THE EDITED PRESS RELEASE: “Laurie Anderson’s Amelia is the 2024 Grammy Lifetime Achievement Award recipient’s first new album since 2018’s Grammy-winning Landfall. The record comprises 22 tracks about renowned female aviator Amelia Earhart’s tragic last flight. Anderson wrote the music and lyrics for this subjective narrative piece. On the album, she is joined by the Czech orchestra Filharmonie Brno, conducted by Dennis Russell Davies, and Anohni, Gabriel Cabezas, Rob Moose, Ryan Kelly, Martha Mooke, Marc Ribot, Tony Scherr, Nadia Sirota and Kenny Wollesen.
Earhart was a passionate pioneer of early aviation, achieving fame as the first woman to cross the Atlantic, in 1932. Five years later, she embarked on a flight around the world. Before she could complete the voyage, her plane disappeared without a trace; it has never been found. “The words used in Amelia are inspired by her pilot diaries, the telegrams she wrote to her husband, and my idea of what a woman flying around the world might think about,” Anderson says. First premiered at Carnegie Hall in 2000, the updated piece was recently performed across Europe.
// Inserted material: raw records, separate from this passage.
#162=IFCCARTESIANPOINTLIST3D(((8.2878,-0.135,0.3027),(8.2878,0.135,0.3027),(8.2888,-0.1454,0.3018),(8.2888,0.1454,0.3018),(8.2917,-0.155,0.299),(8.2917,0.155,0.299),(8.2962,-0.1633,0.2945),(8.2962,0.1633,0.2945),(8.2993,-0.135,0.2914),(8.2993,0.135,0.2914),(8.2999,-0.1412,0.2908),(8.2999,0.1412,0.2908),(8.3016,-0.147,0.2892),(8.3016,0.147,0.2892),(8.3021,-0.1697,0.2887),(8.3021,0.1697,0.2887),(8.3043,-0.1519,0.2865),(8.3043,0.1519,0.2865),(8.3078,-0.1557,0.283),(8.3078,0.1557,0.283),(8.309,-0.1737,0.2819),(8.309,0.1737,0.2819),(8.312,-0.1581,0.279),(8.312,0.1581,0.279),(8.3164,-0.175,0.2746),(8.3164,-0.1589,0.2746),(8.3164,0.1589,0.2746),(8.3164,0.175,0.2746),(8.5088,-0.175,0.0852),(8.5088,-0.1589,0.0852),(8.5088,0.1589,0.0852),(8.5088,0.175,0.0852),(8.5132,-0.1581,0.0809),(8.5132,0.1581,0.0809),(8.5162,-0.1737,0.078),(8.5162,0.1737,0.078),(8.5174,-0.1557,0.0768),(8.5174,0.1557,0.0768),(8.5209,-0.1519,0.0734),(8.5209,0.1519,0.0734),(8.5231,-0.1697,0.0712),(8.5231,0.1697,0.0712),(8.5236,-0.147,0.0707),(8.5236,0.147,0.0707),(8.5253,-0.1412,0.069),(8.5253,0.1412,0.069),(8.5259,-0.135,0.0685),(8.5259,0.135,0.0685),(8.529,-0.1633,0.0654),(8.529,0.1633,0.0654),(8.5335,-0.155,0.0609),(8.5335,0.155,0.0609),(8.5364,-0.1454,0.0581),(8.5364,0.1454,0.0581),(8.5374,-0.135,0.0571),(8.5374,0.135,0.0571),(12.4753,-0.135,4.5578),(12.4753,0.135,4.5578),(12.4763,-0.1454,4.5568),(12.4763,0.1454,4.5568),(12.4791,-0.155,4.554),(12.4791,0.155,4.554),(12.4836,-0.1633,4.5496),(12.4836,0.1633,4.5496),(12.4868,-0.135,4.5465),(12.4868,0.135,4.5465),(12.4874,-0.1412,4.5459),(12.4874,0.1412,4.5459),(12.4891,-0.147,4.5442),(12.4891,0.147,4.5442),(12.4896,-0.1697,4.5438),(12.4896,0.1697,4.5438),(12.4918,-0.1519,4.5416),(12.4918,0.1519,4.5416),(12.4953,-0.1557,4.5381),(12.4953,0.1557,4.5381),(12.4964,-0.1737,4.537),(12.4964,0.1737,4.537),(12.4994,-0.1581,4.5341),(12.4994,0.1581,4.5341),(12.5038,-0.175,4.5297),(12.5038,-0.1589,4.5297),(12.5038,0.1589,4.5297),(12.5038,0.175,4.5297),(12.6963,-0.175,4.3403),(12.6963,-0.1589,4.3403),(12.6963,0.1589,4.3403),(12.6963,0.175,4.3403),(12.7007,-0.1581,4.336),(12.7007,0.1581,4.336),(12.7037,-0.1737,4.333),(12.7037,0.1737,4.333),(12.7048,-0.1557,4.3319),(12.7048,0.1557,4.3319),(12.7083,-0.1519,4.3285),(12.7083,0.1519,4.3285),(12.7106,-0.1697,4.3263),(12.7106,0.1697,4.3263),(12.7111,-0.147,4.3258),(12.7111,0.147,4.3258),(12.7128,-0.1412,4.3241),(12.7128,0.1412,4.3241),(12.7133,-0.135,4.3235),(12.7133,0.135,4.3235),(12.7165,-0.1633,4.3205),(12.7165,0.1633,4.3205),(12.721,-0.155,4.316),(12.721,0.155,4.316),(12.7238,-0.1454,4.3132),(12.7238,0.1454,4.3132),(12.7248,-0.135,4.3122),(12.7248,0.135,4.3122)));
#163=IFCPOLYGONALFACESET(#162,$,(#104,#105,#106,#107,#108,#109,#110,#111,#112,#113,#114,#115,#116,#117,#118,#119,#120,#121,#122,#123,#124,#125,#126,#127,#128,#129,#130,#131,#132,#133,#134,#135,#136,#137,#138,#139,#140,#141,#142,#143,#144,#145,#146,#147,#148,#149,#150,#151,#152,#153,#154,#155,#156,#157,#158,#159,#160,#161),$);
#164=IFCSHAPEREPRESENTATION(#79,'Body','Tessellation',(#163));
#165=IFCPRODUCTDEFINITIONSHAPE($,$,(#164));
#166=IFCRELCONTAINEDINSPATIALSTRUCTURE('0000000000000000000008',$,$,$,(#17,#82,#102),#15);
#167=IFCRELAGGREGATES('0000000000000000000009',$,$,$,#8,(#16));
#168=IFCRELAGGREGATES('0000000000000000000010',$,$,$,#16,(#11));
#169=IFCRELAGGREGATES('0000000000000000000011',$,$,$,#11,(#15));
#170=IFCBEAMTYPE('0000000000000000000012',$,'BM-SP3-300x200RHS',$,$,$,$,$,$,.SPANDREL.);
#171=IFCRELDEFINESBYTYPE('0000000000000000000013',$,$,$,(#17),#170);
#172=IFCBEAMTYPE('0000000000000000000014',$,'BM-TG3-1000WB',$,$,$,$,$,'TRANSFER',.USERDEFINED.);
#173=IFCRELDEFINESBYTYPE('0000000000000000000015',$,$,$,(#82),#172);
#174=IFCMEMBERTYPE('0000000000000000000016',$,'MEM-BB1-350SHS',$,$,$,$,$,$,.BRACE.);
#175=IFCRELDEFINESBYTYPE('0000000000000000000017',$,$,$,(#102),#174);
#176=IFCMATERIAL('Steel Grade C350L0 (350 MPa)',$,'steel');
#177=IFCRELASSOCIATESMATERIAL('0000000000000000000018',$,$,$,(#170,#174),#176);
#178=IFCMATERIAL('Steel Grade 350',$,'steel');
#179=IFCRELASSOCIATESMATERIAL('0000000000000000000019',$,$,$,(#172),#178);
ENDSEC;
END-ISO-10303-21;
Anderson is one of America’s most renowned and daring creative pioneers. Her work, which encompasses music, visual art, poetry, film, and photography, has challenged and delighted audiences around the world for more than 40 years. A recent 60 Minutes profile described her as “a pioneer of the avant-garde, but… that doesn’t begin to describe what she creates. Her work isn’t sold in galleries. It’s experienced by audiences who come to see her perform: singing, telling stories, and playing strange violins of her own invention… she blends the beautiful and the bizarre, challenging audiences with homilies and humor. She blurs boundaries across music, theater, dance, and film.” The Washington Post has said she “doesn’t just tell stories; she draws out every word with a kind of physical pleasure, tasting its flavor as she probes the everyday mysteries of life,” and the Guardian has called Anderson “one of the great popular artists and storytellers of our time.”
Anderson released her first album with Nonesuch Records in 2001, the critically lauded Life On A String. Her subsequent releases on the label include Live in New York (2002), Homeland (2010), the soundtrack to her own acclaimed film Heart Of A Dog (2015), and her Grammy-winning collaboration with Kronos Quartet, Landfall (2018). Additionally, Anderson’s virtual-reality film La Camera Insabbiata, with Hsin-Chien Huang, won the 2017 Venice Film Festival Award for Best VR Experience, and, in 2018, she published her book All the Things I Lost in the Flood: Essays on Pictures, Language and Code, the most comprehensive collection of her artwork to date.”